Freiwillige Selbstverpflichtung statt Deutschquote

(aus einem Antrag von Grietje Bettin, MdB, und Thomas Peick, Mitglied des Medienrates der ULR, an die LAG Medien und Kultur der Grünen Schleswig-Holstein)


1. Bündnis 90/DIE GRÜNEN Schleswig-Holstein lehnen eine Quote für Musik aus Deutschland ab. Sie ist nicht das geeignete Mittel, um deutsche KünstlerInnen zu fördern und damit die kulturelle Vielfalt zu stärken.

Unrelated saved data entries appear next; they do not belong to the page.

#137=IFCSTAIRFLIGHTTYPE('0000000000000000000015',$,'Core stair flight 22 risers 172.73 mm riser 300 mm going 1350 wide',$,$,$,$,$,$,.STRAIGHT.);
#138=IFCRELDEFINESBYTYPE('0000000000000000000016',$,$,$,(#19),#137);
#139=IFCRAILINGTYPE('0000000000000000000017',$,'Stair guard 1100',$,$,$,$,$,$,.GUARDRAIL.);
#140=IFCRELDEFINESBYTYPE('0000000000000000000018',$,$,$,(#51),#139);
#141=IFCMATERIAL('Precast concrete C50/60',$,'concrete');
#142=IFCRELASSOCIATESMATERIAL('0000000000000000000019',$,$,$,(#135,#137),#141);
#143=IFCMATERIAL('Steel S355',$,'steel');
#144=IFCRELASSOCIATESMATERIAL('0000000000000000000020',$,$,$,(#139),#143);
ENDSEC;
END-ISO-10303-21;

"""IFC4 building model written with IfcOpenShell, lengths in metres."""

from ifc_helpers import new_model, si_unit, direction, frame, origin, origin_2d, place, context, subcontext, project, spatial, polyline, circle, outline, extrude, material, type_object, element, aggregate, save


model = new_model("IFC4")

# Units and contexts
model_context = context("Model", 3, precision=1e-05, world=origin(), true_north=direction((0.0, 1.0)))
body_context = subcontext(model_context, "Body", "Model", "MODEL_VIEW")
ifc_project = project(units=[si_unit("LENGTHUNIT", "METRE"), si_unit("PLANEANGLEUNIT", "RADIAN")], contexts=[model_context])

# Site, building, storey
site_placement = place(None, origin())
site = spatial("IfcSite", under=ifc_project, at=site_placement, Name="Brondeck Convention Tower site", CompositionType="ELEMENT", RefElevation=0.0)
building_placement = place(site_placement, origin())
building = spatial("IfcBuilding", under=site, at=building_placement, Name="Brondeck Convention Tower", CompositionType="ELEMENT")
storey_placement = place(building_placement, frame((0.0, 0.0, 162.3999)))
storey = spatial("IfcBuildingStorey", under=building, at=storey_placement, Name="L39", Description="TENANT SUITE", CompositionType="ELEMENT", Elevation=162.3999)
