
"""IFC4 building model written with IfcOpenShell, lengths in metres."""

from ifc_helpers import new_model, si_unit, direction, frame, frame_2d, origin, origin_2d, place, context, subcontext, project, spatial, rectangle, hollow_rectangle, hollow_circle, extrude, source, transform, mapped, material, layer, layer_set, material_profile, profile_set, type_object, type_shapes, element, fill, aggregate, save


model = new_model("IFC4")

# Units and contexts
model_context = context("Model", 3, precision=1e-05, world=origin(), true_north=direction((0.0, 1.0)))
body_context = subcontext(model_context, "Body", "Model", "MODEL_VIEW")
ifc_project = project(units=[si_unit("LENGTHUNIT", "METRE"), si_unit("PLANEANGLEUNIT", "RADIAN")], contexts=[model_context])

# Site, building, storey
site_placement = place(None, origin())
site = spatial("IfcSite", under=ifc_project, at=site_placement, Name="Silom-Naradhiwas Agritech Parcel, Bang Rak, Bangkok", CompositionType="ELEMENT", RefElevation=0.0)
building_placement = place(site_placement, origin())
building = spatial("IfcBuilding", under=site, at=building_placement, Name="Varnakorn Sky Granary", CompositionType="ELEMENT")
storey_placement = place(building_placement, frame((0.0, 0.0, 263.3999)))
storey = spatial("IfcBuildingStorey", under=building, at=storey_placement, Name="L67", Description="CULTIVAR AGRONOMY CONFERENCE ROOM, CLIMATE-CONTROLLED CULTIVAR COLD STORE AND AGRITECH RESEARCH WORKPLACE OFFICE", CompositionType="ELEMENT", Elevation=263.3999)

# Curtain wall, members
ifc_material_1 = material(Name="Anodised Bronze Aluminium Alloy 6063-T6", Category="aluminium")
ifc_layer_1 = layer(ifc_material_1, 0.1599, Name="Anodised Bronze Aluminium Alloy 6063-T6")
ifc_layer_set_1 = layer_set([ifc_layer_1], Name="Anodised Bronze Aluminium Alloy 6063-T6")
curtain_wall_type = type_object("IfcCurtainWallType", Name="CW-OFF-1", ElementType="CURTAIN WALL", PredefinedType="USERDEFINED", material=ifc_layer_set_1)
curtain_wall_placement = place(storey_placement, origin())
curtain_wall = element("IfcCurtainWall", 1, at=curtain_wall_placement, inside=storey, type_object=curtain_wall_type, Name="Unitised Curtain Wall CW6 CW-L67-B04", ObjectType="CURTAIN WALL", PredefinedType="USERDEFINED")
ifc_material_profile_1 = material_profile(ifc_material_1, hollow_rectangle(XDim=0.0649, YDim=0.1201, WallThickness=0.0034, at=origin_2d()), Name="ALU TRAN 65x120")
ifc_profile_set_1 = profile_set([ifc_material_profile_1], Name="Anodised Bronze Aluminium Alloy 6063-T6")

2. Bündnis 90/DIE GRÜNEN Schleswig-Holstein treten dafür ein, die Programmauswahl zukünftig stärker am Informations- und Kulturauftrag, denn am musikalischen Mainstream auszurichten.

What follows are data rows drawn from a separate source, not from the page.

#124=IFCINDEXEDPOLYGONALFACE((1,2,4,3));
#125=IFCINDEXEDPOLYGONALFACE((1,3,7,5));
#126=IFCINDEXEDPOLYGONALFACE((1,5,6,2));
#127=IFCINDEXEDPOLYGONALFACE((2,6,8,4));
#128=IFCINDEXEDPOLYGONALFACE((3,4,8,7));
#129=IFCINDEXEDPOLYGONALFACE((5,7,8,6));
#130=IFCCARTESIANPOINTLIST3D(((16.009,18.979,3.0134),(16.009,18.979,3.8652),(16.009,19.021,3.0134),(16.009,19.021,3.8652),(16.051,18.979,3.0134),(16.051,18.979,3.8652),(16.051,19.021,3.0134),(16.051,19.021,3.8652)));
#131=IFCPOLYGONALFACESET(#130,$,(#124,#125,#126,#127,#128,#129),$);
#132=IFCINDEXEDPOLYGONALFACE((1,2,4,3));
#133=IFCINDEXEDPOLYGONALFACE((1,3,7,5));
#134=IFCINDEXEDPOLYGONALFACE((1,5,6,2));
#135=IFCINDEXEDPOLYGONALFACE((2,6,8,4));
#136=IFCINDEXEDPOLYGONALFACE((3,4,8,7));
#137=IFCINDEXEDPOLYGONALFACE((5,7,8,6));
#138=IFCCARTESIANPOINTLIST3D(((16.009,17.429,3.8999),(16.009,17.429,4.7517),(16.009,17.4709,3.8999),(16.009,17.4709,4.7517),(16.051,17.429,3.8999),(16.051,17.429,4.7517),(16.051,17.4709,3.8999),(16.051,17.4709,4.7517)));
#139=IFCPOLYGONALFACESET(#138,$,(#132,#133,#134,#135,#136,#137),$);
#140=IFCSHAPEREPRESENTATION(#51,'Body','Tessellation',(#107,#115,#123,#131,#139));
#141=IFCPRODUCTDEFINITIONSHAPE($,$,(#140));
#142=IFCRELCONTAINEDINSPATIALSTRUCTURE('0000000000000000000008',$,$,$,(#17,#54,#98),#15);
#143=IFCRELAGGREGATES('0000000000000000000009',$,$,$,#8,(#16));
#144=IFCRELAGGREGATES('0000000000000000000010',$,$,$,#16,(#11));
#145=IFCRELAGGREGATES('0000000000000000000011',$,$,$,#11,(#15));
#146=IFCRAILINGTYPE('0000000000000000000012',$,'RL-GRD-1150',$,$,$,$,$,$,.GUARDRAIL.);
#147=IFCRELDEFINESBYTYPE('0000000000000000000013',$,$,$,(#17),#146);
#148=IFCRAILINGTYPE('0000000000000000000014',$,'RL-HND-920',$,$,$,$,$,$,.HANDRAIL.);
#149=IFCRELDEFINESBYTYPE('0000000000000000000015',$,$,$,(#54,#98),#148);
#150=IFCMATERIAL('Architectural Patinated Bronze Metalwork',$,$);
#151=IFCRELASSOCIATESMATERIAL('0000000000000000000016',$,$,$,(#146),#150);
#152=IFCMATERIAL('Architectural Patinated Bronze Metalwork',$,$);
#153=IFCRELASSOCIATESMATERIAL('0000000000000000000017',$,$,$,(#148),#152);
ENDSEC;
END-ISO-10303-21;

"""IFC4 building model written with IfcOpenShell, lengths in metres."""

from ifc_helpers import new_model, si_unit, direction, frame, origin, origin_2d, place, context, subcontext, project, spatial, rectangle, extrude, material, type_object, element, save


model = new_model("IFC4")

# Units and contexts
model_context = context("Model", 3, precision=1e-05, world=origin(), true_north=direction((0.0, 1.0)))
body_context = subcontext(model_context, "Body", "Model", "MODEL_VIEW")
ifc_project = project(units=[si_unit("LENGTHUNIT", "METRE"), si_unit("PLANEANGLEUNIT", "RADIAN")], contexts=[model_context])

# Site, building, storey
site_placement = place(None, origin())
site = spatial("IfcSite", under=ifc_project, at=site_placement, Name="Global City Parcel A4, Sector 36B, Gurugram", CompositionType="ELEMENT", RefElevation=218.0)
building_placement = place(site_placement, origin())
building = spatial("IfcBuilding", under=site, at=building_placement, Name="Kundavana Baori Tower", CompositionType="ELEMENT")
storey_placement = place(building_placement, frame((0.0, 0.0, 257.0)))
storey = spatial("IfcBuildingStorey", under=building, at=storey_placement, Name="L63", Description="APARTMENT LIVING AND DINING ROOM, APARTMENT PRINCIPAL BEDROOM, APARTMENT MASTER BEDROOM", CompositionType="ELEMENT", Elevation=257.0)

3. Bündnis 90/DIE GRÜNEN Schleswig-Holstein fordern die Sender auf, verstärkt den musikalischen Nachwuchs fördern.

4. Bündnis 90/DIE GRÜNEN Schleswig-Holstein schlagen vor, durch eine freiwillige Selbstverpflichtung der privaten und öffentlich-rechtlichen Sender den Anteil an NachwuchskünstlerInnen aus Deutschland in den Medien zu erhöhen.

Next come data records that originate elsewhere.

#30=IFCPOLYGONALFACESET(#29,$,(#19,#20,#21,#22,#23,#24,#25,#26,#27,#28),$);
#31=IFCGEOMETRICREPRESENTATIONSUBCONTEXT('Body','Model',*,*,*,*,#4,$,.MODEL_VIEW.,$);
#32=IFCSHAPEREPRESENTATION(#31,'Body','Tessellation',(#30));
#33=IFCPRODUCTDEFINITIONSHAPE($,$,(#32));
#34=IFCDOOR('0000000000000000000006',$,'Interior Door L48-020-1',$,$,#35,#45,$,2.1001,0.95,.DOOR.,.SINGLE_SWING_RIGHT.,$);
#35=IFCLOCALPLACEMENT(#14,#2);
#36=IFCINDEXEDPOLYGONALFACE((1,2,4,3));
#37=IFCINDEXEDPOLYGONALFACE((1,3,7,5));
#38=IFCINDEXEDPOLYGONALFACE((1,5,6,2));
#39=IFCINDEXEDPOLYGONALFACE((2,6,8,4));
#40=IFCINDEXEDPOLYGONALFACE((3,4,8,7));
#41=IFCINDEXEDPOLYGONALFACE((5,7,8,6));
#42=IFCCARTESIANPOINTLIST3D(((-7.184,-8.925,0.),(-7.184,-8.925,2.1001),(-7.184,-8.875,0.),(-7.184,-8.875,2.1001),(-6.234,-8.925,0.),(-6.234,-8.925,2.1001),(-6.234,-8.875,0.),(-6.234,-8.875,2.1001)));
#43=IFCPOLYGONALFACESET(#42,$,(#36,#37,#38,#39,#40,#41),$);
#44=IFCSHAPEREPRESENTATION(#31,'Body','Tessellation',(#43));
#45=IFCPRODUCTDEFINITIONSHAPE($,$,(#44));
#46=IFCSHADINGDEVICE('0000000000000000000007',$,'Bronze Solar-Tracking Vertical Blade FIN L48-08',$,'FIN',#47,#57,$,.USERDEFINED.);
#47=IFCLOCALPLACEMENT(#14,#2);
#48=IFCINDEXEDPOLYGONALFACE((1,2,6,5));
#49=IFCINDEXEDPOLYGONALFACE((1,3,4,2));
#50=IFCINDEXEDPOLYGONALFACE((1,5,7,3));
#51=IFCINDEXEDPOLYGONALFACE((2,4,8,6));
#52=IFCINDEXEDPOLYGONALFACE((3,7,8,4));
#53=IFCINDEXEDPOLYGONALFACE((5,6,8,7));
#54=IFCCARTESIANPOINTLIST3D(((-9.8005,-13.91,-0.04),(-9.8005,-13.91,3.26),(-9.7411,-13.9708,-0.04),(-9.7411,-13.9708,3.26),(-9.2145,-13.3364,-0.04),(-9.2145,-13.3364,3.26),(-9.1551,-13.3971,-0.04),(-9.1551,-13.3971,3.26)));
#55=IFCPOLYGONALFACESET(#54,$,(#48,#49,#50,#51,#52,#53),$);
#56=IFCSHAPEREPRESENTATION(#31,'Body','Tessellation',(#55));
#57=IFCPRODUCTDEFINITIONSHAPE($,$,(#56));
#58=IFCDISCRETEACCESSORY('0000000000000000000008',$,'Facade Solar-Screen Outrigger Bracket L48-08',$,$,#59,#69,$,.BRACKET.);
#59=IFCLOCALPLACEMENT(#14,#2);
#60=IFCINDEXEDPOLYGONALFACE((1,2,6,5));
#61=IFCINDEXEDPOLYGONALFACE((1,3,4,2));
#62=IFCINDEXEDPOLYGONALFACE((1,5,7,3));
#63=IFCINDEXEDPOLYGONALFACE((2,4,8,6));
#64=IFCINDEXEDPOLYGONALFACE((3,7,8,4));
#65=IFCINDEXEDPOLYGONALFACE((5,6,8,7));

5. Diese Selbstverpflichtung sollte nach etwa 3 Jahren auf ihre Wirkung hin evaluiert werden.

Begründung:

Die intensiv und zum Teil sehr leidenschaftlich geführte Debatte um die Einführung einer Deutschquote macht deutlich, dass viele Hörerinnen und Hörer und auch eine große Zahl von Fernsehzuschauenden mit der Programmgestaltung insbesondere der Öffentlich-Rechtlichen unzufrieden sind. Besonders die Öffentlich-Rechtlichen kommen anscheinend den Ansprüchen der Zuschauenden und Hörenden immer weniger nach.

Die Debatte hat weiterhin verdeutlicht, dass die Verfahren zur Ermittlung der Hör- und Sehwünsche in höchstem Maße fragwürdig sind. Es ist nämlich keineswegs sichergestellt, dass alle nur Unterhaltung wollen und fast niemand mehr an Informations- und Kulturprogrammen teilhaben will.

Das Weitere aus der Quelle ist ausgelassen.